Field	Type	Description
`url`	`string`	The final URL fetched (after redirects).
`title`	`string`	Page title parsed from the fetched HTML.
`extractedJson`	`string`	Stringified JSON returned by the model. Always a string — parse it client-side. On malformed model output, falls back to `{"_raw": "<original text>"}`.
`via`	`"http" \| "browser"`	How the page was fetched. `http` = direct fetch succeeded. `browser` = escalated to the headless worker (costs 2 extra credits).

Example

curl -X POST https://www.gyrence.com/api/v1/extract \
  -H "Authorization: Bearer $GYRENCE_API_KEY" \
  -H "Content-Type: application/json" \
  -d '{
    "url": "https://example.com/products/widget",
    "prompt": "Extract the product name, price, currency, and availability.",
    "schema": "{\"name\":\"string\",\"price\":\"number\",\"currency\":\"string\",\"inStock\":\"boolean\"}"
  }'

Errors

Code	HTTP	Meaning
`bad_request`	400	`url` missing/invalid, `prompt` empty, or `schema` is not valid JSON.
`unauthorized`	401	Missing, malformed, or revoked `Authorization` header.
`credits_exhausted`	402	Workspace balance below request cost, or the LLM provider returned 402.
`forbidden_url`	403	SSRF guard rejected a private, loopback, or link-local host.
`timeout`	408	Request exceeded the 25-second hard deadline.
`rate_limited`	429	Per-workspace rate limit, or the LLM provider rate-limited the call.
`upstream_error`	502	Page fetch or LLM call returned a 5xx.
`unavailable`	503	Any other unmapped error.

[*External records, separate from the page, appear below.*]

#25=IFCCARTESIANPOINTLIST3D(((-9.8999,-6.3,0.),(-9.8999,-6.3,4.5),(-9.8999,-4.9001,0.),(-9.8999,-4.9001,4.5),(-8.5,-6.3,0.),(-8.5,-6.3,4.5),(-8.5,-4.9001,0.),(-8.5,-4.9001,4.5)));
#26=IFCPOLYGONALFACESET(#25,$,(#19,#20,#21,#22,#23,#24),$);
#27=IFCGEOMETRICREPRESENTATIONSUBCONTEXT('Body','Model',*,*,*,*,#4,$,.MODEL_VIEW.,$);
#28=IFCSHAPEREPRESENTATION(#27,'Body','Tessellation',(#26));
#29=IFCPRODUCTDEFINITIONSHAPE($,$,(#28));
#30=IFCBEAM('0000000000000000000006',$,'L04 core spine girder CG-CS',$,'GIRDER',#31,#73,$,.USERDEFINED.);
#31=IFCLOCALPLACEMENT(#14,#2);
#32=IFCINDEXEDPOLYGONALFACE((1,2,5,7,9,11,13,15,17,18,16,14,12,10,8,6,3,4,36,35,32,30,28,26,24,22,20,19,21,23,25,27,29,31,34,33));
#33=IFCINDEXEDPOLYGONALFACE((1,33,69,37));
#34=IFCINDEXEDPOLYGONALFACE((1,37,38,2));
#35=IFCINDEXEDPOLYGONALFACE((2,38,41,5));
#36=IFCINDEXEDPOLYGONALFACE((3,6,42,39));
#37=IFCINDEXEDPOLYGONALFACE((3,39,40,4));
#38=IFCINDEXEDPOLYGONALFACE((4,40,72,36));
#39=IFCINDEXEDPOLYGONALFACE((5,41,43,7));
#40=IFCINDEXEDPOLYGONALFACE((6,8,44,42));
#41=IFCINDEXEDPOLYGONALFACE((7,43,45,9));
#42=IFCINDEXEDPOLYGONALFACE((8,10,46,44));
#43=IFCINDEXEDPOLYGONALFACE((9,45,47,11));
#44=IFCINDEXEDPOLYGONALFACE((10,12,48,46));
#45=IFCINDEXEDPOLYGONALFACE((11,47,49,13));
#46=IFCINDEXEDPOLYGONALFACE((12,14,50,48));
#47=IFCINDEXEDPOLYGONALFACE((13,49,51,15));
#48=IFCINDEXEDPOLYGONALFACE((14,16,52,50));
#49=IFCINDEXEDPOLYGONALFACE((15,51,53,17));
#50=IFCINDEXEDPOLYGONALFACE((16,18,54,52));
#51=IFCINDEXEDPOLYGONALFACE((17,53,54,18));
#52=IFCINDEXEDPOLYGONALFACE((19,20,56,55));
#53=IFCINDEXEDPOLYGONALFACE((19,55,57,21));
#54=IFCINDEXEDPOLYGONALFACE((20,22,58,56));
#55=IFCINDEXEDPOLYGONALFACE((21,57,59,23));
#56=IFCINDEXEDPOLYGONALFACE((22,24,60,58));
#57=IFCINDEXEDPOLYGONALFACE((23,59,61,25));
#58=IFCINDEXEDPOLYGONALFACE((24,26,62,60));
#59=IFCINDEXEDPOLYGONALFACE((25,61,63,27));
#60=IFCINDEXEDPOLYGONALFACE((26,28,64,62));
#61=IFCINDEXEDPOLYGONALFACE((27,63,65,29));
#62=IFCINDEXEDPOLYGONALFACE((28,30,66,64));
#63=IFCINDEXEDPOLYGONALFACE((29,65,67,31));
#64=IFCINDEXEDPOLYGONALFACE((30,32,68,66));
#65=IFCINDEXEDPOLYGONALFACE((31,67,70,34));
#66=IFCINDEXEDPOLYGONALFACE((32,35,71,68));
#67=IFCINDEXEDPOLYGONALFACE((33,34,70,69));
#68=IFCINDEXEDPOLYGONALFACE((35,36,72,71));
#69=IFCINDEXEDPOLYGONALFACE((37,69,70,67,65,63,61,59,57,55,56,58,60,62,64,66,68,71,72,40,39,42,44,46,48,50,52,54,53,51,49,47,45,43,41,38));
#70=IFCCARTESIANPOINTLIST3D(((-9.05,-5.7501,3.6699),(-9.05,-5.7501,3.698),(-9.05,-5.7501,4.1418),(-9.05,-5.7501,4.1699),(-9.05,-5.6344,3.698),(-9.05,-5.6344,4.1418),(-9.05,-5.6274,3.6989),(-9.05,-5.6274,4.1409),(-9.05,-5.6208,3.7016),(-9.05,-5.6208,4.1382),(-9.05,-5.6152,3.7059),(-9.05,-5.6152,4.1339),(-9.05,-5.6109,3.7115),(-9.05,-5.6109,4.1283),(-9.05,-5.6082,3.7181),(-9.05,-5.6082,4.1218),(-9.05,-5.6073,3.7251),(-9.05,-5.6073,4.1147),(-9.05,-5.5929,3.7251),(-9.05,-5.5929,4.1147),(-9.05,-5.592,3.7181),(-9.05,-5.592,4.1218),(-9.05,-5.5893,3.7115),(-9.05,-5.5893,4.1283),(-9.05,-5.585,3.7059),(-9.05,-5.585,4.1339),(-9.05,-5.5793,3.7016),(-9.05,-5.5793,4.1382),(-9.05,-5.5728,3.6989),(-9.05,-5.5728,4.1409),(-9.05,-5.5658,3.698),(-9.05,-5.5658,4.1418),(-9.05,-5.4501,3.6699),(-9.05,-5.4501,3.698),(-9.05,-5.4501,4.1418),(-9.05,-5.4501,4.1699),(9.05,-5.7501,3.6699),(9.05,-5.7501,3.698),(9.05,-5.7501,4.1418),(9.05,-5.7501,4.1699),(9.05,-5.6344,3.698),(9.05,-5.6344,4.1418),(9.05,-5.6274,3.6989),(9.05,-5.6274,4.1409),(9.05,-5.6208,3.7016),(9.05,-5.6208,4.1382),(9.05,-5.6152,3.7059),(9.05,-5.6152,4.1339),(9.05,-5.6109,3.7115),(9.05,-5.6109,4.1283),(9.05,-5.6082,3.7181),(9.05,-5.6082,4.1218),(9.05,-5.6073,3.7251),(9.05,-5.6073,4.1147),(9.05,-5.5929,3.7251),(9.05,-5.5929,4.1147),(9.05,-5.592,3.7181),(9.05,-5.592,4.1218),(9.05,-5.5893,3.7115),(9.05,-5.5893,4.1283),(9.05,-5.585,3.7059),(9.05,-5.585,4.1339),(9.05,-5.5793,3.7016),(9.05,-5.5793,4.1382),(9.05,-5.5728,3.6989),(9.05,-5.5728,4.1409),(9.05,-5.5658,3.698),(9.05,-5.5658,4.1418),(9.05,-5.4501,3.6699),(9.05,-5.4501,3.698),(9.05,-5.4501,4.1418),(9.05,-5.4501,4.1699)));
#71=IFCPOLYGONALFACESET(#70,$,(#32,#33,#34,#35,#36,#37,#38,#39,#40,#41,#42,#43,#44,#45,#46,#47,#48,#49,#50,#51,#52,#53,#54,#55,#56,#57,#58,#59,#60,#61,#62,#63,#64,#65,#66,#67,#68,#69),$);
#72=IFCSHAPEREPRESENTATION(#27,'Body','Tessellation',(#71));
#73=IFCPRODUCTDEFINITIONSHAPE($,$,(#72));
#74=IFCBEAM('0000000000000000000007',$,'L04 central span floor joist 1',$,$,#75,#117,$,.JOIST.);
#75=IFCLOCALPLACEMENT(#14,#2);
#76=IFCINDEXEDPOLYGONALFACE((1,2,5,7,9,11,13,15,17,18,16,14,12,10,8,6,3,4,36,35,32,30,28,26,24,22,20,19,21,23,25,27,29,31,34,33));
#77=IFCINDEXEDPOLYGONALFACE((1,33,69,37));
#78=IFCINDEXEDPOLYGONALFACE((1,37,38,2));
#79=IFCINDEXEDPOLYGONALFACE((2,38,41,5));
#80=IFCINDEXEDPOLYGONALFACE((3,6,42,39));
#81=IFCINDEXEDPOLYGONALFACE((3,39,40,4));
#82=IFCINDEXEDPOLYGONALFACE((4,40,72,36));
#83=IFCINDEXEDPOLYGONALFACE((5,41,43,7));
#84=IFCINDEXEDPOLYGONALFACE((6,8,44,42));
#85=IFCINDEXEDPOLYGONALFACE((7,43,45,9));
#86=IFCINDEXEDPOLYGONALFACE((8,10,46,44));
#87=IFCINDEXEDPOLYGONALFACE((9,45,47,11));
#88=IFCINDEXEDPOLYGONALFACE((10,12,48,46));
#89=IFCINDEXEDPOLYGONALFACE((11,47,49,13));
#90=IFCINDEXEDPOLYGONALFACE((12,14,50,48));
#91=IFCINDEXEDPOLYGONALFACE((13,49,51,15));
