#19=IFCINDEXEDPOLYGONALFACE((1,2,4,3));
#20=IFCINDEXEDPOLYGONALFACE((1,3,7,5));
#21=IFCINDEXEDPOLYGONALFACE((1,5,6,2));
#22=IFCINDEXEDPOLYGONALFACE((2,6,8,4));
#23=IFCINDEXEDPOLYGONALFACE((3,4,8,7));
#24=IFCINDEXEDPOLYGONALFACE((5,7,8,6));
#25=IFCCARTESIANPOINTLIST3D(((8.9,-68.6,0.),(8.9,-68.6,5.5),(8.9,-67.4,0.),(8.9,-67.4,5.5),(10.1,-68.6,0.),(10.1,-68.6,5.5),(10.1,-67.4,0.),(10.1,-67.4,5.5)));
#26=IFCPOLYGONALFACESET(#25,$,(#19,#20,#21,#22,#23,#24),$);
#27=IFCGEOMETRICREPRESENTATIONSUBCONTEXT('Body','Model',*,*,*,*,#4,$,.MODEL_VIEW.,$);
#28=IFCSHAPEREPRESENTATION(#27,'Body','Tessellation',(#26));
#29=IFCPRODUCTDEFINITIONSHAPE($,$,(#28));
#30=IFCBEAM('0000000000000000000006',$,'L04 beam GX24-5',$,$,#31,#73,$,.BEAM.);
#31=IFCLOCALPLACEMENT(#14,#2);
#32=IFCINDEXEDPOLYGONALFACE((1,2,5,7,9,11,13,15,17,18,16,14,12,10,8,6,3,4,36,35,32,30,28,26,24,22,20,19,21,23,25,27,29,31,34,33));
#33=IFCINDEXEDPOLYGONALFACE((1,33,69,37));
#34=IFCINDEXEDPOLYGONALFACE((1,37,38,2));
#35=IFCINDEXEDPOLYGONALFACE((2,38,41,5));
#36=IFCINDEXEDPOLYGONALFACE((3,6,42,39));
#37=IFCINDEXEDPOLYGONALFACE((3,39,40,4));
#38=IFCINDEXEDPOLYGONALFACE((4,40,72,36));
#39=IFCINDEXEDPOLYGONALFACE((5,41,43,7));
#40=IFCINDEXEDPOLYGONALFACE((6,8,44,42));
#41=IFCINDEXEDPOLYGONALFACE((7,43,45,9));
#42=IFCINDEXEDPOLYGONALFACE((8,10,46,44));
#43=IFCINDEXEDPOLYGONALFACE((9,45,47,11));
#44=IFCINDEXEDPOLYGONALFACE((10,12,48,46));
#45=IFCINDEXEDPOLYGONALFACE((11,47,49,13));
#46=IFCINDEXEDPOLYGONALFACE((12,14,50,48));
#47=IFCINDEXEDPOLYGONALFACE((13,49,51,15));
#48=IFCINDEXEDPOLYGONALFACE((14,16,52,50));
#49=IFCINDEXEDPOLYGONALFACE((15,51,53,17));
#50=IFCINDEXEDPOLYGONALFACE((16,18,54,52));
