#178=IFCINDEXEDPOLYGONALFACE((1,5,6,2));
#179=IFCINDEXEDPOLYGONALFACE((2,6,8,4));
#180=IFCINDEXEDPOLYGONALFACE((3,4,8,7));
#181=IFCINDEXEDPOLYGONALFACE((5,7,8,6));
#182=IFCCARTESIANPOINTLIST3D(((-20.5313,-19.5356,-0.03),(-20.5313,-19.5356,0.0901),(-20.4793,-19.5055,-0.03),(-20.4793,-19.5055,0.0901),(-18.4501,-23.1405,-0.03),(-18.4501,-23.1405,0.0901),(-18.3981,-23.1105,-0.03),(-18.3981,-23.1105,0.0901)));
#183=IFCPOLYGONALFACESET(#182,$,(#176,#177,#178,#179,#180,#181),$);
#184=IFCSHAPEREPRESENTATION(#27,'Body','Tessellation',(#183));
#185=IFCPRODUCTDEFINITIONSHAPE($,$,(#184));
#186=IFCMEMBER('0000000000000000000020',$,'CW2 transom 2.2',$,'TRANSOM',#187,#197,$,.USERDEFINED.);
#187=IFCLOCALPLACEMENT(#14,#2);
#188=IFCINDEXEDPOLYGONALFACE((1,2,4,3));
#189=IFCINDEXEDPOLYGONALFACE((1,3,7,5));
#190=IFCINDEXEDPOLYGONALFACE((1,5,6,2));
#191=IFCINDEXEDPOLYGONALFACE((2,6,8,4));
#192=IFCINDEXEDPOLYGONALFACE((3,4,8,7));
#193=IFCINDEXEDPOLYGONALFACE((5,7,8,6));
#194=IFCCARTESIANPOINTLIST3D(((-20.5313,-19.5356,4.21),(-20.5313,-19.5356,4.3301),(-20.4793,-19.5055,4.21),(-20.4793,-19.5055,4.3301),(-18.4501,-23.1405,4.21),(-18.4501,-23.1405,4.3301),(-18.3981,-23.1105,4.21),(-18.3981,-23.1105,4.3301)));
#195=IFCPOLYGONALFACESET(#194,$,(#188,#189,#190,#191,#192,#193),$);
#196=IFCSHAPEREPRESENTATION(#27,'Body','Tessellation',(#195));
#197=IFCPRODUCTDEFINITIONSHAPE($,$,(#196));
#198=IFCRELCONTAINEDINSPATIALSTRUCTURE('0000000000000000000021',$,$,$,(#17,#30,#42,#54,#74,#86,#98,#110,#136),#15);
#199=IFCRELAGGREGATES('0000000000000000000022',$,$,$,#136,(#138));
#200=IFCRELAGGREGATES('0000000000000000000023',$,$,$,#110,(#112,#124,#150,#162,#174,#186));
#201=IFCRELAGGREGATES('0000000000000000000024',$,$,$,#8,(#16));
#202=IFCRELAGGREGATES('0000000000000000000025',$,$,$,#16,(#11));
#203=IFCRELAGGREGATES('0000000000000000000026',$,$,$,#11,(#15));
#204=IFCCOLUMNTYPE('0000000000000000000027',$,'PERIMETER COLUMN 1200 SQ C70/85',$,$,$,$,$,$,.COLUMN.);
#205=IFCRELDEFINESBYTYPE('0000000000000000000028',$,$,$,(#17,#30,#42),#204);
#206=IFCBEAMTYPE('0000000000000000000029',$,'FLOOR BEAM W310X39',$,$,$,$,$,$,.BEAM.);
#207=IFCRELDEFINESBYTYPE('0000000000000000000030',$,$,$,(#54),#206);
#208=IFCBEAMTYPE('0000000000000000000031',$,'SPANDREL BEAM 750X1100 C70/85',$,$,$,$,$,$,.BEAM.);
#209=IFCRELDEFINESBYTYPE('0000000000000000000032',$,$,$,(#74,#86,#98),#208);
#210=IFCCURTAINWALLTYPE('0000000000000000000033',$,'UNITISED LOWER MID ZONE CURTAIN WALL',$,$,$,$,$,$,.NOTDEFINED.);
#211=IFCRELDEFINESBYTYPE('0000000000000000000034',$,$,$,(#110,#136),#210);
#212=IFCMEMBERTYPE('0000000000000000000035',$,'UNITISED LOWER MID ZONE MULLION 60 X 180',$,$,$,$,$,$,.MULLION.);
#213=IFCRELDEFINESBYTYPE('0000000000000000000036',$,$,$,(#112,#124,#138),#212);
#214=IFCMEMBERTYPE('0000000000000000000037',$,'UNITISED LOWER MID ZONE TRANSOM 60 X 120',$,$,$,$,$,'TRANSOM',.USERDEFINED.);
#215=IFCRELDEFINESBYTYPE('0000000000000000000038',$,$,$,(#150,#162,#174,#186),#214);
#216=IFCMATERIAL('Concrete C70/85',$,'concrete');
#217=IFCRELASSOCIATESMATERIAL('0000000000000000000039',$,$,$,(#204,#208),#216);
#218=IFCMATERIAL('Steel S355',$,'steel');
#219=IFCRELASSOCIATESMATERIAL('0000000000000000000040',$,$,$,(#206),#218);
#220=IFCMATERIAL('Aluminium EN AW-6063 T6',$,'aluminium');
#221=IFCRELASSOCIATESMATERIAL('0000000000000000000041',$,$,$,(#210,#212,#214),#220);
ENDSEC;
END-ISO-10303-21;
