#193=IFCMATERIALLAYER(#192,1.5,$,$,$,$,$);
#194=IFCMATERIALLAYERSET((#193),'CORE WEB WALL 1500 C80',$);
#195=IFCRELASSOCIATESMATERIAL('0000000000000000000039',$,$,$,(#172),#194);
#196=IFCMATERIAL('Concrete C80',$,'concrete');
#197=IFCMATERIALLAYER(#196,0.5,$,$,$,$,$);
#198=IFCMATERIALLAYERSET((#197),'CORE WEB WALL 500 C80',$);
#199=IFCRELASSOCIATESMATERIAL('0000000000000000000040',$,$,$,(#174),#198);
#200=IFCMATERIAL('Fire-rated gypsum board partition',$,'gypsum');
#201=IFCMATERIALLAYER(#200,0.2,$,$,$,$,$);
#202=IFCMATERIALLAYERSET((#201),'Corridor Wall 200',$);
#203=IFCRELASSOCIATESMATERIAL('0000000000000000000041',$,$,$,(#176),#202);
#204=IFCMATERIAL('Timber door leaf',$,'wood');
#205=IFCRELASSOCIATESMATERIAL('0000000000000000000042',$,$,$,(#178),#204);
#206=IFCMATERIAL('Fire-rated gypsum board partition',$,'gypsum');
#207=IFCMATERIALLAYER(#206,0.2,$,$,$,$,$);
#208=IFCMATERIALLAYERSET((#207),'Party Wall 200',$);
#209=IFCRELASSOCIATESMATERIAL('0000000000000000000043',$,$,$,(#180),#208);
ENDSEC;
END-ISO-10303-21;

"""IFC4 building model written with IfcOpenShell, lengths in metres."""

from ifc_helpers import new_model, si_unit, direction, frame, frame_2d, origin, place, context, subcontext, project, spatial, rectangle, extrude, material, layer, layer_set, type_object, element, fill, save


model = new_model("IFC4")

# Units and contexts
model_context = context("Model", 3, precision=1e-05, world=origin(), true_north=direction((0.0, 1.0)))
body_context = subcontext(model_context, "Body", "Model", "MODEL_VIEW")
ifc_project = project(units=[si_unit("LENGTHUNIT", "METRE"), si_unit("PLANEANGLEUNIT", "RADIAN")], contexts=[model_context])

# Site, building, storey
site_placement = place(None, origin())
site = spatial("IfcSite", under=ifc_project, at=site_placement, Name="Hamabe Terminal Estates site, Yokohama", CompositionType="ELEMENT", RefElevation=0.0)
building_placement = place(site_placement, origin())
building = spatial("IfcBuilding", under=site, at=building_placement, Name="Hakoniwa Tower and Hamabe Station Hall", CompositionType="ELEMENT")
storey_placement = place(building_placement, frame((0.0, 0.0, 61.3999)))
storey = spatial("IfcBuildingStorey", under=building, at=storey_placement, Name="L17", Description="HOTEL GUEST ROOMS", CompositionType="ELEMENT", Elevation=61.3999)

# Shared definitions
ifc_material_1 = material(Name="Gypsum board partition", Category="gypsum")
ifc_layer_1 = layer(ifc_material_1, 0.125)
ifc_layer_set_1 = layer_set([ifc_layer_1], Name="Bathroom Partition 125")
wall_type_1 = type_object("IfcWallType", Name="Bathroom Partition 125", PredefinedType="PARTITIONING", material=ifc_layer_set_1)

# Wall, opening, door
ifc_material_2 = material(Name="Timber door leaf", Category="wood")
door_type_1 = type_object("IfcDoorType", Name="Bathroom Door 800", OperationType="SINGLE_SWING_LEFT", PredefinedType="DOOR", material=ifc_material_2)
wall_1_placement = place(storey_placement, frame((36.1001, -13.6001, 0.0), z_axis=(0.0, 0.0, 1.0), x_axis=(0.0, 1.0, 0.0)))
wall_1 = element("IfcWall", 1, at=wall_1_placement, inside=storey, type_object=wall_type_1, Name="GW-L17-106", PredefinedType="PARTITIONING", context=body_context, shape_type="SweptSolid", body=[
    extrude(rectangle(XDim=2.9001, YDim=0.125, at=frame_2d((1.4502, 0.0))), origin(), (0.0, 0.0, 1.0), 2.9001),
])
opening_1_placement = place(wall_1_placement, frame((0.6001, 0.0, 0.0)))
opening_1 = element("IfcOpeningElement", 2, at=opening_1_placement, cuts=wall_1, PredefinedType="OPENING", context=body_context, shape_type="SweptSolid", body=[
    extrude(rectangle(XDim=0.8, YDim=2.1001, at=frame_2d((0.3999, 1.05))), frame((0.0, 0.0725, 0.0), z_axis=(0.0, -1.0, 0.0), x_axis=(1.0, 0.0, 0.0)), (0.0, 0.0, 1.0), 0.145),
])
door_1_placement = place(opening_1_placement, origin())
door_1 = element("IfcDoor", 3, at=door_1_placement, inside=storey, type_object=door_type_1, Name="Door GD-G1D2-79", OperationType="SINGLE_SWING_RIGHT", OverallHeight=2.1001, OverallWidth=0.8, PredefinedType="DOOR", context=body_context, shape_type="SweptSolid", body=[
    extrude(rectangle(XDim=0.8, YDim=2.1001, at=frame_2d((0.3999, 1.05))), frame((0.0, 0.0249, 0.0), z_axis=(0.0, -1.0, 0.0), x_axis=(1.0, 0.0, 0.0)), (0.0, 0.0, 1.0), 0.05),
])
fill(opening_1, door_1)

{ "ok": false, "error": "Schema must be valid JSON", "code": "bad_request" }

Credits

5 credits when fetched over HTTP, 7 credits when Gyrence escalates to the headless browser. Charged once per call regardless of model response length. See Notes for the full list of escalation triggers.

Limits & known behavior

Content is truncated. Only the first 12,000 characters of converted Markdown are sent to the model. Long pages have their tail dropped — narrow the URL (e.g. a product page, not a catalog) for best results.
Prompt + page content compete for context. Long prompts reduce the page content the model sees. Aim for prompts under 500 characters; let the schema do the structural work and the prompt focus on what to extract, not how.
JSON guarantee is best-effort. The model is instructed to return strict JSON, but malformed output falls back to { "_raw": "<text>" }. Always handle that shape.
schema is a hint, not a validator. Gyrence does not enforce types on the model's output. Validate with your own Zod/JSON-schema layer if it matters.
One page per call. To extract across many URLs, fan out client-side (use /map to enumerate) and call /extract per URL.
Markdown fidelity. Tables and deeply nested lists may lose structure in HTML→Markdown conversion before the model sees them.

Notes

Extract uses Gemini 2.5 Flash via the Lovable AI Gateway — chosen for its 3× cost advantage over comparable models at equivalent extraction quality. The API contract (request/response shape) is stable regardless of underlying model; Gyrence may update the model tier over time. The system enforces strict JSON output — no prose, no markdown fences.
Fetch pipeline: identical to /fetch. HTTP first, with automatic escalation to the headless browser on any of: origin 403/429/503, network error (status 0), body < 500 chars, JS-shell markers (id="root">, id="__next">, <noscript>, etc.), or post-conversion content loss (HTML ≥ 1000 chars producing < 100 markdown chars). forceBrowser: true skips the HTTP attempt.
via drives pricing, not the input. Even without forceBrowser, an automatic escalation bills as browser (7 credits).
SSRF re-validation runs on the final URL after redirects, not just the input.
No retries on model failure. Garbled output is returned as _raw for your inspection rather than re-prompted server-side.

Try it

Test prompts and schemas live in the console at /app/extract — paste a URL, iterate on the prompt, copy the resulting JSON.